2012-12-19 07:47 AM
Experiencing nothing but problems since we started trying to use OnCommand host for our VMware volumes.
Currently, we are having two severe issues: DFM seems to lose connectivity to the host agent, all backups fail from that point on, and restarting the host service hangs, I'm having to reboot the server to restore functionality.
Secondly, the local backup schedule isn't being followed consistently: I have it set to keep hourlies for a day, daylies for a week, weeklies for a month, and monthlies for 3 months, however, right now, I have: the last hourly, an hourly from 9 days ago, a daily from 2 weeks ago. (past this are snapshots from the previous backup setup.) However, it isn't consistent across all the datasets, as one of the other datasets has a few more dailies kept, even though all of them are on the same local policy.
I have a case open with support about this, but I've been getting very little traction (no contact in the last 2 days, despite attempts on my part to contact them) and am looking for any help I can get.

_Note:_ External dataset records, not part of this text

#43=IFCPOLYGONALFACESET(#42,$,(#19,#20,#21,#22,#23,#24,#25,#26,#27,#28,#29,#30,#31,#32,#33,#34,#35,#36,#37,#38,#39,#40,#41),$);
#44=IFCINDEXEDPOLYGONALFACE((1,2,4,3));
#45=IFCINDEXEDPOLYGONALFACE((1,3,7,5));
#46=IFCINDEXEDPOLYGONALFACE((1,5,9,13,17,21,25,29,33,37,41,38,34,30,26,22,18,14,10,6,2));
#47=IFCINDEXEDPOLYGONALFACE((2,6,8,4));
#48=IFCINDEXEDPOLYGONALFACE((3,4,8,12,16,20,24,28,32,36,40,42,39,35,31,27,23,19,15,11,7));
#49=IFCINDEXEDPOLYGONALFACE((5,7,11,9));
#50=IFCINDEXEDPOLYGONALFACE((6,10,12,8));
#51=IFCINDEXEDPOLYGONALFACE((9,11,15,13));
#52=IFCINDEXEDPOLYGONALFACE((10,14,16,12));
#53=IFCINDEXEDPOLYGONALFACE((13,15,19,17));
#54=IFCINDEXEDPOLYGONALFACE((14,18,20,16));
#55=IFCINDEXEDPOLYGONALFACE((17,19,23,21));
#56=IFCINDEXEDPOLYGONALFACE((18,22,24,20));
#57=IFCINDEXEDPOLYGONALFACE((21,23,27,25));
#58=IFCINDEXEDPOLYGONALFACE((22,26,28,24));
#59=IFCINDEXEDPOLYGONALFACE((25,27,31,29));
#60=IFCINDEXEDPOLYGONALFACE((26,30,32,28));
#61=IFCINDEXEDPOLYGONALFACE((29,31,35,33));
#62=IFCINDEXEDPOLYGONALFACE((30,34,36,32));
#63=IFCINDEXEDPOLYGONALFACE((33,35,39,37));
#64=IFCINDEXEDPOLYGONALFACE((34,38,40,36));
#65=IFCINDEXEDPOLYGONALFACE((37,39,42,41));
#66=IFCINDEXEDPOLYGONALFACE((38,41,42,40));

Not sure what info will be needed to troubleshoot, but here's some salient details: OC core 5.1, OC host 1.2, FAS3210s, both software packages are installed on Win 2k8 R2-64, all living on the same subnet. OC Host is installed on the VMware vCenter server, VMware is all on 4.1.

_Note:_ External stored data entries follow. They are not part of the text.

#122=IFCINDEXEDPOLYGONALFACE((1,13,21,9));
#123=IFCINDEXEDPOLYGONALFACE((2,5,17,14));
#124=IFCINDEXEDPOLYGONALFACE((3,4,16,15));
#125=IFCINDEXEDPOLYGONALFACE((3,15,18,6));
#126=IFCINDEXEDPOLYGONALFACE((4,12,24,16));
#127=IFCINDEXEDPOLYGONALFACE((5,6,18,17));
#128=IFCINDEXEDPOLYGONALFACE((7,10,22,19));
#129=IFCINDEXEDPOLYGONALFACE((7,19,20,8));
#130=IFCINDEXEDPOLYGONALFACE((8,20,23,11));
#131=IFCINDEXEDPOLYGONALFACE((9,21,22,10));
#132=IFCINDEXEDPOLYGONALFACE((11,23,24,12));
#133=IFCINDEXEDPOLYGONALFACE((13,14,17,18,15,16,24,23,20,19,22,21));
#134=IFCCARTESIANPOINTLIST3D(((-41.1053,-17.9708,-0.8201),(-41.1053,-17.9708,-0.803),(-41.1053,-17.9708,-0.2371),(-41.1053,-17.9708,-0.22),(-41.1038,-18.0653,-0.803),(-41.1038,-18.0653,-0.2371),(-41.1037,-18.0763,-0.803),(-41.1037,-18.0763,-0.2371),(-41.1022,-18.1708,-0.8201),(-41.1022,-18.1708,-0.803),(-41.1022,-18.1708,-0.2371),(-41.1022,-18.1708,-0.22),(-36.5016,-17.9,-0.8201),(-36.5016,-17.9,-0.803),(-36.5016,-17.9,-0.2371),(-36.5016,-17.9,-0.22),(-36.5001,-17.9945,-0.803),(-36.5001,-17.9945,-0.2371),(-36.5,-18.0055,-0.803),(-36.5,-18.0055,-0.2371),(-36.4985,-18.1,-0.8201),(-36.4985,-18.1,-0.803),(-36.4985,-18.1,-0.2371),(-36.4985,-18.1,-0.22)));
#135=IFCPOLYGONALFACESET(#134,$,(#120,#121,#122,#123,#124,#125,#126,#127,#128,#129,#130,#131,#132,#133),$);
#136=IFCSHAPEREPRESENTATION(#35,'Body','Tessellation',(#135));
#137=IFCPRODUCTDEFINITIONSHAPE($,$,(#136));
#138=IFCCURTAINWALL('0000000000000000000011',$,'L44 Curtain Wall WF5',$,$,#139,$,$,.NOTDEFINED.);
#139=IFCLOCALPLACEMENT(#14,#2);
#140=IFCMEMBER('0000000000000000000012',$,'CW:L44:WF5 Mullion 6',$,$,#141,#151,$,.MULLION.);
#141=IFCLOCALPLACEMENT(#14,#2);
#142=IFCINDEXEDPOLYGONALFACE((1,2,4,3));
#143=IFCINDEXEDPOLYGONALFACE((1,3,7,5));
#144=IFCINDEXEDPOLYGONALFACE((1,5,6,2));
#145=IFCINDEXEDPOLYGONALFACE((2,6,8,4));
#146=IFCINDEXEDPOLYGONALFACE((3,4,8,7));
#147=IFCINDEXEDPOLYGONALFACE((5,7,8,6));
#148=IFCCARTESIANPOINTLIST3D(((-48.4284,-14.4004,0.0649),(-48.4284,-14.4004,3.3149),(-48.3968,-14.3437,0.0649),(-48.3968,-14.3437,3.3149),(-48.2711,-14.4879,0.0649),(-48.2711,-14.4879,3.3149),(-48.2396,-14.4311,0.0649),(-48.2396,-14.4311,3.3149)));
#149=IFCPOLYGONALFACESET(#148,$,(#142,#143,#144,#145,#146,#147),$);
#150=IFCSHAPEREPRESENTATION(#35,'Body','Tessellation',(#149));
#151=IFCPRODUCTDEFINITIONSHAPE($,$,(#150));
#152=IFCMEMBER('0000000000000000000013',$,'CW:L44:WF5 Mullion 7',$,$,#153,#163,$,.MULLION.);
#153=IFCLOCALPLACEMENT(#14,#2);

Thanks for any help you mabe be able to provide.
2012-12-19 08:06 AM
your problem description reads like a server resource problem.

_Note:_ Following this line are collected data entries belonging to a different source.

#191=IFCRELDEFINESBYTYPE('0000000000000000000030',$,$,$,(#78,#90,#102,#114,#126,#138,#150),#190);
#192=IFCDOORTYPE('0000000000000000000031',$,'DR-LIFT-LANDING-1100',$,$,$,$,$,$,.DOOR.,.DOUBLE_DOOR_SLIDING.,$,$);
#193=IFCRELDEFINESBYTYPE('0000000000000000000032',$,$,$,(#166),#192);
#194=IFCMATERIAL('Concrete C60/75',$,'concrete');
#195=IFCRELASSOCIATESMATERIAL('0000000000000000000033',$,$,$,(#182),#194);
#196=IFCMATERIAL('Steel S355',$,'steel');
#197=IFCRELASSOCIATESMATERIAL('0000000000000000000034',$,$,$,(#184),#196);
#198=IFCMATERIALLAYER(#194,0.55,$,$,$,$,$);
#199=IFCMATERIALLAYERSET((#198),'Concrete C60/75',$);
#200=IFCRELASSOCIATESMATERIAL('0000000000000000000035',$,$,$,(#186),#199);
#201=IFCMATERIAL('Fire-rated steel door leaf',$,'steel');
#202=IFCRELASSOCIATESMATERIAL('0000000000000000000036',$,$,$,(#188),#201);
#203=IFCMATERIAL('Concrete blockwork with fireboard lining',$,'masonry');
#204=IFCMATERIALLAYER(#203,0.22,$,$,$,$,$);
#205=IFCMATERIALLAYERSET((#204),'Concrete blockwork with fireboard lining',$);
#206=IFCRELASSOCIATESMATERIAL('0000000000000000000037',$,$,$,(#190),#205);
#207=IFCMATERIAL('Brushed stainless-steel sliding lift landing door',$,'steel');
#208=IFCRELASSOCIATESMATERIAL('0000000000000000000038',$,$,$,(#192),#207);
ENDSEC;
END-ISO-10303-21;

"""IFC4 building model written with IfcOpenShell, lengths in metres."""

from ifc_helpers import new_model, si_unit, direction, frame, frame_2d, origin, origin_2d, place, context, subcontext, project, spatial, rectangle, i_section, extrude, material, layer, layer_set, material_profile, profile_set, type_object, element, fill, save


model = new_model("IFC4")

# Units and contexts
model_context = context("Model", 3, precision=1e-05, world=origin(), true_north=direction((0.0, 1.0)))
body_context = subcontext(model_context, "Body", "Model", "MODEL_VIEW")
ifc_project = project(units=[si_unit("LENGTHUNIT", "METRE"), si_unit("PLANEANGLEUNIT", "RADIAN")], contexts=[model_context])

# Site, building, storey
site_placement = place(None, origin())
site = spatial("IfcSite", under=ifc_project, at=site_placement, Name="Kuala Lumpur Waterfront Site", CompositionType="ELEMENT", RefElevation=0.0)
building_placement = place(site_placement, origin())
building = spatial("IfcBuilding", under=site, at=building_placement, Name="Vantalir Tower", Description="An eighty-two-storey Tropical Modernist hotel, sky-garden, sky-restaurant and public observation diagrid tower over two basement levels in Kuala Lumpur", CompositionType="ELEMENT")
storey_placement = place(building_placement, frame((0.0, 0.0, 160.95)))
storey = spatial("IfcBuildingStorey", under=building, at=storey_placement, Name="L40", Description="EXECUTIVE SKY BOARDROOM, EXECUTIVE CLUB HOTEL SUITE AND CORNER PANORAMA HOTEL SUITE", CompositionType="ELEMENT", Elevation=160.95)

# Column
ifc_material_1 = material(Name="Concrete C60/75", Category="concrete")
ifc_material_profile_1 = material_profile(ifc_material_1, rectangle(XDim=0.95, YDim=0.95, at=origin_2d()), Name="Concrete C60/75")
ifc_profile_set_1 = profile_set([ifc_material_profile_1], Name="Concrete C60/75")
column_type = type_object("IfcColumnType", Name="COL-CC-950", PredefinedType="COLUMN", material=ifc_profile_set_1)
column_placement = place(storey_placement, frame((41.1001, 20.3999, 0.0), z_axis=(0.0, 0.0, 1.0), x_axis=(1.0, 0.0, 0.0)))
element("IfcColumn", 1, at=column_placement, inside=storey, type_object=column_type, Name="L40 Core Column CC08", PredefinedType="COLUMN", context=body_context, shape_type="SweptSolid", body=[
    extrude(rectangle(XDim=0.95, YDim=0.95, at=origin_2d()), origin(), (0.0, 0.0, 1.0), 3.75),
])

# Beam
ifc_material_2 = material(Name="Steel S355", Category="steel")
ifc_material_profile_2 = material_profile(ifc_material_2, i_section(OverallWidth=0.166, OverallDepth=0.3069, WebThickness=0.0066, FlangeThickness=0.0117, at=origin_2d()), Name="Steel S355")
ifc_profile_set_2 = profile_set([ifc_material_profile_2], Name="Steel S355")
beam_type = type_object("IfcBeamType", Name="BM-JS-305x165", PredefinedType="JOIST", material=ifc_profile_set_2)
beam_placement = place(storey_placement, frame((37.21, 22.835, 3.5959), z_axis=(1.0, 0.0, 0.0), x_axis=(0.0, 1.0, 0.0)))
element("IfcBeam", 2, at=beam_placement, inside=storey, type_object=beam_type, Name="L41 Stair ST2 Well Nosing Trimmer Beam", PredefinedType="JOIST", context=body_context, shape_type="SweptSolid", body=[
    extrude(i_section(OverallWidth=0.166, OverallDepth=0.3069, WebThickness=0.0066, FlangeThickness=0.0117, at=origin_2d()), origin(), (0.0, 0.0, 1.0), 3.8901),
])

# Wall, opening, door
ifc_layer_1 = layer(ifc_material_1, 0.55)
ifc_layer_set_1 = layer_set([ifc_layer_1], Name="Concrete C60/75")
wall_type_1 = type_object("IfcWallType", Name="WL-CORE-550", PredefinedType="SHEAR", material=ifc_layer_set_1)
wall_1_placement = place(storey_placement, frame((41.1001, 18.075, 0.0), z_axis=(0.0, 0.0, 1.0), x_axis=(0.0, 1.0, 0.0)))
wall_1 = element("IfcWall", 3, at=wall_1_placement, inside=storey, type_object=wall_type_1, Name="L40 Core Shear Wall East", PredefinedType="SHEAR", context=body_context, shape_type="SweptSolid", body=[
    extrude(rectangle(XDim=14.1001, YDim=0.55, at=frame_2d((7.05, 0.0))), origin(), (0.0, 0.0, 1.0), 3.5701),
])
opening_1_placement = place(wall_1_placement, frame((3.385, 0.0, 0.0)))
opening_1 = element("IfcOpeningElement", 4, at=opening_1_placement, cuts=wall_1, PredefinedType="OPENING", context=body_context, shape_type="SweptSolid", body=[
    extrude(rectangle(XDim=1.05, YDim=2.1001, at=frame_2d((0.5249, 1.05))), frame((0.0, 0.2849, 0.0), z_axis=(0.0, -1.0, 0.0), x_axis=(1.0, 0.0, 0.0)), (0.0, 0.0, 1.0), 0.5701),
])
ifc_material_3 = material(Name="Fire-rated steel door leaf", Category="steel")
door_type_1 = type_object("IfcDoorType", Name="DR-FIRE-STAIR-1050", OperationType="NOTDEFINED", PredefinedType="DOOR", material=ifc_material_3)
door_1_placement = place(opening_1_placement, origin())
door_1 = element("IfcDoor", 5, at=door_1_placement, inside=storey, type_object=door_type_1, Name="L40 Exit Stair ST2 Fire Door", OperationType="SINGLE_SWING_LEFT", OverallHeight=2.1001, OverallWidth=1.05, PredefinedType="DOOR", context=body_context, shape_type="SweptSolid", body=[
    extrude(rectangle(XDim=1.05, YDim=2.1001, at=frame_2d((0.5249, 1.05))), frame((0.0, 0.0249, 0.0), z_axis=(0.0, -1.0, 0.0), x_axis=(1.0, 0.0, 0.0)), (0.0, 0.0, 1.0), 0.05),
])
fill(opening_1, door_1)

You stated that OCHP is installed on the WIn2k8 vCenter server.
1) Do you have MS hotfix 2577795 installed on that server?
2) Are the resources reserved for the vCetner/OCHP VM (assuming it is one)?
3) What CPU/RAM resources does the server have reserved?
2012-12-19 08:50 AM
Thanks for your reply.
Downloading the hotfix now.
as for your other questions: We don't really have resources reserved for any of our VMs, since we generally run at 25 to 50 percent of our VMware cluster capacity. To be clear, OC core is installed on a VM as well. Utilization on that server tends to run very low, as well, but taking into consideration our cluster utilization, would you recommend I still reserve resources?
2012-12-19 09:03 AM
Always reserve the recommended resources for OCUM and OCHP servers to prevent resource issues.
That hotfix should be applicable for any Win2k8 server, so perhaps you already had it installed?
C:\>systeminfo |findstr 2577795
2012-12-19 09:18 AM
I get no result on the systeminfo command, nor did i find the hotfix listed in "control panel>programs & features>view installed updates" (based on a search for the number.)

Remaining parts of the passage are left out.